The description in PowerISA_public.v3.0B https://ibm.ent.box.com/s/1hzcwkwf8rbju5h9iyf44wm94amnlcrv is:

As an example, to preserve the XT source register in the xxperm instruction, the following sequence will optimize performance.

xxlor XT,XC,XC /* Copy (XC) to XT
xxperm XT,XA,XB /* Permute, overwriting XT

The set of instructions listed below, when immediately preceded by the xxlor XT,XC,XC instruction in a sequence similar to the above example, will provide optimal performance.

This should be exact the same pattern as in my example: xxlor XT,XC,XC to Copy (XC) to XT, not xxlor XC,XT,XT in your description.
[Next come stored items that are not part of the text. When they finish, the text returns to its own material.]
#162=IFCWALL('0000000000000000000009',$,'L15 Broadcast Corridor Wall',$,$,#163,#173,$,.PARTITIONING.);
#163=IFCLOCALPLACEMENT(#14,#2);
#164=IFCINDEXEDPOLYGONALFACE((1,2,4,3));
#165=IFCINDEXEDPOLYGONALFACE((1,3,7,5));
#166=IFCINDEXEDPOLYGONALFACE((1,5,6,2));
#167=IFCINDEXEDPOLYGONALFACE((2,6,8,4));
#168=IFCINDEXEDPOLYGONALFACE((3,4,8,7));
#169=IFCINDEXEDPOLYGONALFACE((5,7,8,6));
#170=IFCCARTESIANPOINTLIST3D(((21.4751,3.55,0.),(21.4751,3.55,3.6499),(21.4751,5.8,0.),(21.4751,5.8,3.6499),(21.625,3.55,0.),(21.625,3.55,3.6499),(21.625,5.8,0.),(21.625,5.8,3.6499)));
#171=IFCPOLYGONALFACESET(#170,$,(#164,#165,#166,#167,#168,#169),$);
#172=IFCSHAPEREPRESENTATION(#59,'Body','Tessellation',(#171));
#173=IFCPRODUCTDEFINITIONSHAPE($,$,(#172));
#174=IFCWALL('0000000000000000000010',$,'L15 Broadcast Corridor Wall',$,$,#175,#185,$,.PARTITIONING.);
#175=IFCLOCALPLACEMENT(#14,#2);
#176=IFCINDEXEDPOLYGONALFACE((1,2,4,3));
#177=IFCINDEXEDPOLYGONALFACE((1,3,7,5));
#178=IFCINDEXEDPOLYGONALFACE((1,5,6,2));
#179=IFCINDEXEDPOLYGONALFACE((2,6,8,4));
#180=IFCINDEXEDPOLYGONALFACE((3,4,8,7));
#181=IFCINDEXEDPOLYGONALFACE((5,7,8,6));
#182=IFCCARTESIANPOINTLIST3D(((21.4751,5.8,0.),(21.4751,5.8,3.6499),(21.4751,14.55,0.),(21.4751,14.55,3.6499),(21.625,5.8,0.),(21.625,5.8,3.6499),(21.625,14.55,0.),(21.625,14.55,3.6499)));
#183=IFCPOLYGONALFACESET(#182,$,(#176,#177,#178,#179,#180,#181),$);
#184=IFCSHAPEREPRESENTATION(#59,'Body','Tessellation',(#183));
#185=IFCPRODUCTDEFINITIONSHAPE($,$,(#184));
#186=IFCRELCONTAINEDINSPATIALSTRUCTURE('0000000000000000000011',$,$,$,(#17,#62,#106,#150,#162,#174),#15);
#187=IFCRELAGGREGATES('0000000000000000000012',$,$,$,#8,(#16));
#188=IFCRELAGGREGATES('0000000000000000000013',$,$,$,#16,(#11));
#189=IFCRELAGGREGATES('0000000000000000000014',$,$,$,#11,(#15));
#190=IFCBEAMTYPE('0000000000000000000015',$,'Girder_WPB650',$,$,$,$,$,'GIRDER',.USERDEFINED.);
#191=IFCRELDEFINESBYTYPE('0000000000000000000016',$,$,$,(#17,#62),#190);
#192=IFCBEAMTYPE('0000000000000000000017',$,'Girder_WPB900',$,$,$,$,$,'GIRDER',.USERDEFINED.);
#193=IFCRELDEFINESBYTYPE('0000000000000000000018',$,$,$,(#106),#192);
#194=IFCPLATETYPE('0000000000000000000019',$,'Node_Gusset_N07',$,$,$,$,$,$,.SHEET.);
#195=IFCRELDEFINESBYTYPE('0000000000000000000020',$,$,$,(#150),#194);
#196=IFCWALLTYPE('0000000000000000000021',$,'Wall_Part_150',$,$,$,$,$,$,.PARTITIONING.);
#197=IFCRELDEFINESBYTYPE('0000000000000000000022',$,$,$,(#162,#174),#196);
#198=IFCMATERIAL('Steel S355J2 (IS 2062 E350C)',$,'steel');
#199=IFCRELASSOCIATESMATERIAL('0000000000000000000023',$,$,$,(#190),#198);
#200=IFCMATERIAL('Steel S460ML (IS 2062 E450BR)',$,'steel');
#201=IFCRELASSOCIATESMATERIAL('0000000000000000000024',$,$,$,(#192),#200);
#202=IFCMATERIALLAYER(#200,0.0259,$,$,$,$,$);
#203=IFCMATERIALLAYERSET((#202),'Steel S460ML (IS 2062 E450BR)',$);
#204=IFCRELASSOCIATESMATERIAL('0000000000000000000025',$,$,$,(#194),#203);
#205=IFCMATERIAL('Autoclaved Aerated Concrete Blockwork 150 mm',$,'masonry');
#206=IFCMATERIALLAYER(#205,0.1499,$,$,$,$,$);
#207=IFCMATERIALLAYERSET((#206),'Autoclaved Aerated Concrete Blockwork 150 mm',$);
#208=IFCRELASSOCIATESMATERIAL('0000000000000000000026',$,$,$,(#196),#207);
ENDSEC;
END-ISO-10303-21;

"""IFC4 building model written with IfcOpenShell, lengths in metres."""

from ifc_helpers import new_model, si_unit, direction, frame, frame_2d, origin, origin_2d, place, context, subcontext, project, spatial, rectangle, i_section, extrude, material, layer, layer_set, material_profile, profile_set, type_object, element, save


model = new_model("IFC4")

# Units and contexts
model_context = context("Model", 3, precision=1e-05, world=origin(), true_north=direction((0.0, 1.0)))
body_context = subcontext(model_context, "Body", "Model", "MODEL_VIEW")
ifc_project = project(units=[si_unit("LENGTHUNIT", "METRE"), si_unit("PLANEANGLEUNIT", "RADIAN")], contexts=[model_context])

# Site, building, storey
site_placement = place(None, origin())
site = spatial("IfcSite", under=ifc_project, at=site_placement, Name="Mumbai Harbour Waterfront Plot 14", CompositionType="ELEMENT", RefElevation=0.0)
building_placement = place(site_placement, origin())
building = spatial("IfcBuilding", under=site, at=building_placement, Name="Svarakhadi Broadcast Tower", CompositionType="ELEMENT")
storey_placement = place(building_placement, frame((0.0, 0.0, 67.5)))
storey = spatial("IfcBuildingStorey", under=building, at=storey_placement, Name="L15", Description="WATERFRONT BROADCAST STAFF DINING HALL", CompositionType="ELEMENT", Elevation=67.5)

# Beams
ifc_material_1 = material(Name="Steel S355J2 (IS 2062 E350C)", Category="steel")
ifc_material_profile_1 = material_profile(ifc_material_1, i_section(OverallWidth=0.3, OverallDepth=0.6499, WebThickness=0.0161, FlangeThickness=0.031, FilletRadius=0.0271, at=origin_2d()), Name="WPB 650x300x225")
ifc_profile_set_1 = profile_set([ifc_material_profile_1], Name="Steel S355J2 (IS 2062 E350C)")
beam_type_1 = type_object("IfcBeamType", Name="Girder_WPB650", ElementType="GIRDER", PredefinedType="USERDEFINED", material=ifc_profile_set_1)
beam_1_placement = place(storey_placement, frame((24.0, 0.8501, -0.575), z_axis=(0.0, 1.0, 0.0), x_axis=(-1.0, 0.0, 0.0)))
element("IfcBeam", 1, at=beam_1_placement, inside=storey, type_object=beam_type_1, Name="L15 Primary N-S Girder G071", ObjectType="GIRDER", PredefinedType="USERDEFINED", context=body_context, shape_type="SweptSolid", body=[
??? Can you please double check what ISA are you referring to?

ISA 3.0

The description in PowerISA_public.v3.0B https://ibm.ent.box.com/s/1hzcwkwf8rbju5h9iyf44wm94amnlcrv is:

As an example, to preserve the XT source register in the xxperm instruction, the following sequence will optimize performance.

xxlor XT,XC,XC /* Copy (XC) to XT
xxperm XT,XA,XB /* Permute, overwriting XT

The set of instructions listed below, when immediately preceded by the xxlor XT,XC,XC instruction in a sequence similar to the above example, will provide optimal performance.

This should be exact the same pattern as in my example: xxlor XT,XC,XC to Copy (XC) to XT, not xxlor XC,XT,XT in your description.

It would appear that the version of the document I have has a bug in it (I had ISA 3.0 - without the B). Yes, I agree that the description in the corrected ISA document matches both of the provided examples.
However, I don't think this should preclude this patch. Register/register copies are far more common than destructive operations so we should emit the best instruction for the copy. As a follow-up, we should detect copies that are inputs to destructive operations and emit the XXLOR for those.

jsji added a comment.Aug 13 2018, 7:00 AM

It would appear that the version of the document I have has a bug in it (I had ISA 3.0 - without the B). Yes, I agree that the description in the corrected ISA document matches both of the provided examples.
However, I don't think this should preclude this patch. Register/register copies are far more common than destructive operations so we should emit the best instruction for the copy. As a follow-up, we should detect copies that are inputs to destructive operations and emit the XXLOR for those.

Yes, agree. It is OK as long as we will follow up for destructive operations. Thanks!

nemanjai accepted this revision.Aug 14 2018, 10:25 AM

LGTM. Since we're all in agreement that we want to make this change for Power9, I think this is fine to go in.

This revision is now accepted and ready to land.Aug 14 2018, 10:25 AM
amyk updated this revision to Diff 161242.Aug 17 2018, 7:33 AM

Updated the diff to since a specific test on line 528 in vsx.ll now using the v4 register instead of vs0.

jsji added a comment.Aug 17 2018, 7:47 AM

Updated the diff to since a specific test on line 528 in vsx.ll now using the v4 register instead of vs0.

Can we split the part of "An update to test cases to include the -ppc-vsr-nums-as-vr -ppc-asm-full-reg-names llc options" into a separate patch and commit it first,
so that it would be clearer to see what is the intended change from xxlor-> xscpsgndp in all the testcases?

This revision was automatically updated to reflect the committed changes.